Xi'an Jiaotong University Health Science Center
- Type: Public
- Established: 1937; 89 years ago
- Affiliations: Xi'an Jiaotong University
- President: Lv Yi
- Location: Xi'an, China
- Campus: Urban;
- Website: www.med.xjtu.edu.cn/Home/Home.htm

Chinese name
- Simplified Chinese: 西安交通大学医学部
- Traditional Chinese: 西安交通大學醫學部

Standard Mandarin
- Hanyu Pinyin: Xī'ān Jiāotōng Dàxué Yīxuébù

= Xi'an Jiaotong University Health Science Center =

Medical school in Xi'an, China

The Xi'an Jiaotong University Health Science Center (formerly Xi'an Medical University) is the Medical School of Xi'an Jiaotong University. It was founded in 1937 as the Medical School of National Peiping University, with a history tracible to the first national school of Western medicine in China.

==History==

Xi'an Jiaotong University Health Science Center traces its origins to the Public Peking Medical School, founded on October 26, 1912 as the first national school of Western medicine in China.

In November 1928, the Public Peking Medical School was renamed as "Peking University Medical School".

During the Anti-Japanese War, three universities in Beijing and Tianjin: National Peiping University (with a medical school), National Peiping Normal University, and National Beiyang Institute of Technology; relocated westward to Shaanxi to escape the war.
In 1937, the "Xi'an Temporary University" was established based on the three universities.

In 1938, the National Northwest Institute of Technology and the National Northwest Agricultural College were separated from the Xi'an Temporary University, and the remaining parts were renamed the "National Northwest Associated University".

In 1939, the "National Northwest Medical College" and the National Northwest Normal College were separated from the National Northwest Associated University, while the remaining parts were renamed National Northwest University.

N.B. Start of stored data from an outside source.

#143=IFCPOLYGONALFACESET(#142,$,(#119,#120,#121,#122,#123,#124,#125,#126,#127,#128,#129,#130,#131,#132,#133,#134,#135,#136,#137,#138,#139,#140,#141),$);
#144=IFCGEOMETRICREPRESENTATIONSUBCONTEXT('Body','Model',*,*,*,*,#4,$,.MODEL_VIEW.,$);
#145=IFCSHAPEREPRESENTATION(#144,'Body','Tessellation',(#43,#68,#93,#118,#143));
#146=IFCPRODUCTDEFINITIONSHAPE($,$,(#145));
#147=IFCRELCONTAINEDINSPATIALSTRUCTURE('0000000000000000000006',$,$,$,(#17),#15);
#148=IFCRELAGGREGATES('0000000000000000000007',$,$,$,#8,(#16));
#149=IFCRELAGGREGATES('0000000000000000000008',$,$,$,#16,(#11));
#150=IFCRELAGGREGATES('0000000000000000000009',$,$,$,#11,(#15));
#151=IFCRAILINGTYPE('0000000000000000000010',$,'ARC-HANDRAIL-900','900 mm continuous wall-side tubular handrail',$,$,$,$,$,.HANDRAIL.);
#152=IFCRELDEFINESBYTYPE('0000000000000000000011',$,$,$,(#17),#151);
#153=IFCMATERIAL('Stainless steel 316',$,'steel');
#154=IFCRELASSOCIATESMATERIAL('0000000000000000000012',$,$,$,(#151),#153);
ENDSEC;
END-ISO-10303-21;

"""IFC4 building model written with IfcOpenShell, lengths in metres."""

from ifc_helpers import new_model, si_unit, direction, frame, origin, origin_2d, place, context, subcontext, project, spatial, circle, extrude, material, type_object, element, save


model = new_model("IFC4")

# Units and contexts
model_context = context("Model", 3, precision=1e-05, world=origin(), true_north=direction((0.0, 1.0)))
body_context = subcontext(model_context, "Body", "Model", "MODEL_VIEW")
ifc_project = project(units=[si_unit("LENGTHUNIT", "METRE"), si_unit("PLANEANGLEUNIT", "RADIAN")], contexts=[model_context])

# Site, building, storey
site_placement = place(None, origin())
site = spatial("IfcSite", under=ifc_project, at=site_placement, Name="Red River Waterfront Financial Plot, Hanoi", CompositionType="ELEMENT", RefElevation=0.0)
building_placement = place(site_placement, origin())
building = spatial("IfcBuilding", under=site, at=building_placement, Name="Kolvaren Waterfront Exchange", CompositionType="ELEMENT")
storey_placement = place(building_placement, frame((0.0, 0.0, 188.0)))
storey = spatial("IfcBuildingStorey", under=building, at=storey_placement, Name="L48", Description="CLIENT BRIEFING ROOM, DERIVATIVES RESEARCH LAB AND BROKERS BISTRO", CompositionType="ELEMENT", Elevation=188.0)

In 1946, the National Northwest Medical College was merged back into the National Northwest University, becoming the "National Northwest University Medical School".

In 1950, it was separated again, from the National Northwest University, and was renamed the "Northwest Medical College",

In 1956, it was renamed "Xi'an Medical College".

In 1985, it was renamed "Xi'an Medical University", becoming one of the key universities directly under the Ministry of Health.

In April 2000, Xi'an Medical University merged with Xi'an Jiaotong University and Shaanxi University of Finance and Economics, and was renamed the "Xi'an Jiaotong University School of Medicine".

In 2012, it was renamed the "Xi'an Jiaotong University Health Science Center".

In 2015, The center was listed in the first batch of medical colleges in China to enroll students in the seven-year clinical medicine program, and pilot institutions for the integrated training of clinical medicine (5+3) programs.

==Subordinate departments==

The teaching departments include: the School of Basic Medical Sciences, School of Public Health, School of Pharmacy, School of Forensic Medicine, and the Department of Nursing.

The affiliated hospital include: the First Affiliated Hospital, Second Affiliated Hospital, Hospital of Stomatology, all of Grade A tertiary hospitals. There are 5,000 beds for patients from outside the university, around five million annual outpatient visits, 180,000 annual inpatients and 100,000 annual surgical operations.

==Teaching==
The center offers the academic programs of:
- Clinical Medicine (5-year study, “5+3 year integration”),
- Stomatology (5-year study),
- Preventive Medicine (5-year study),
- Forensic Medicine (5-year study),
- Basic Medicine (5-year study),
- Nursing,
- Pharmacy,
- Pharmaceutical Engineering.

There are 5,551 students, including 632 international students and 564 doctoral degree students.
There are more than 8,700 faculties and staffs, over 1,300 teachers with professor or associate professor titles.

==Research==
In the past 5 years, HSC has won 4 national awards, and published 1,200 SCI-indexed research articles annually.

Dluring the year from 1 December 2024 to 30 November 2025, the center altogether had 176 research papers listed on Nature Index.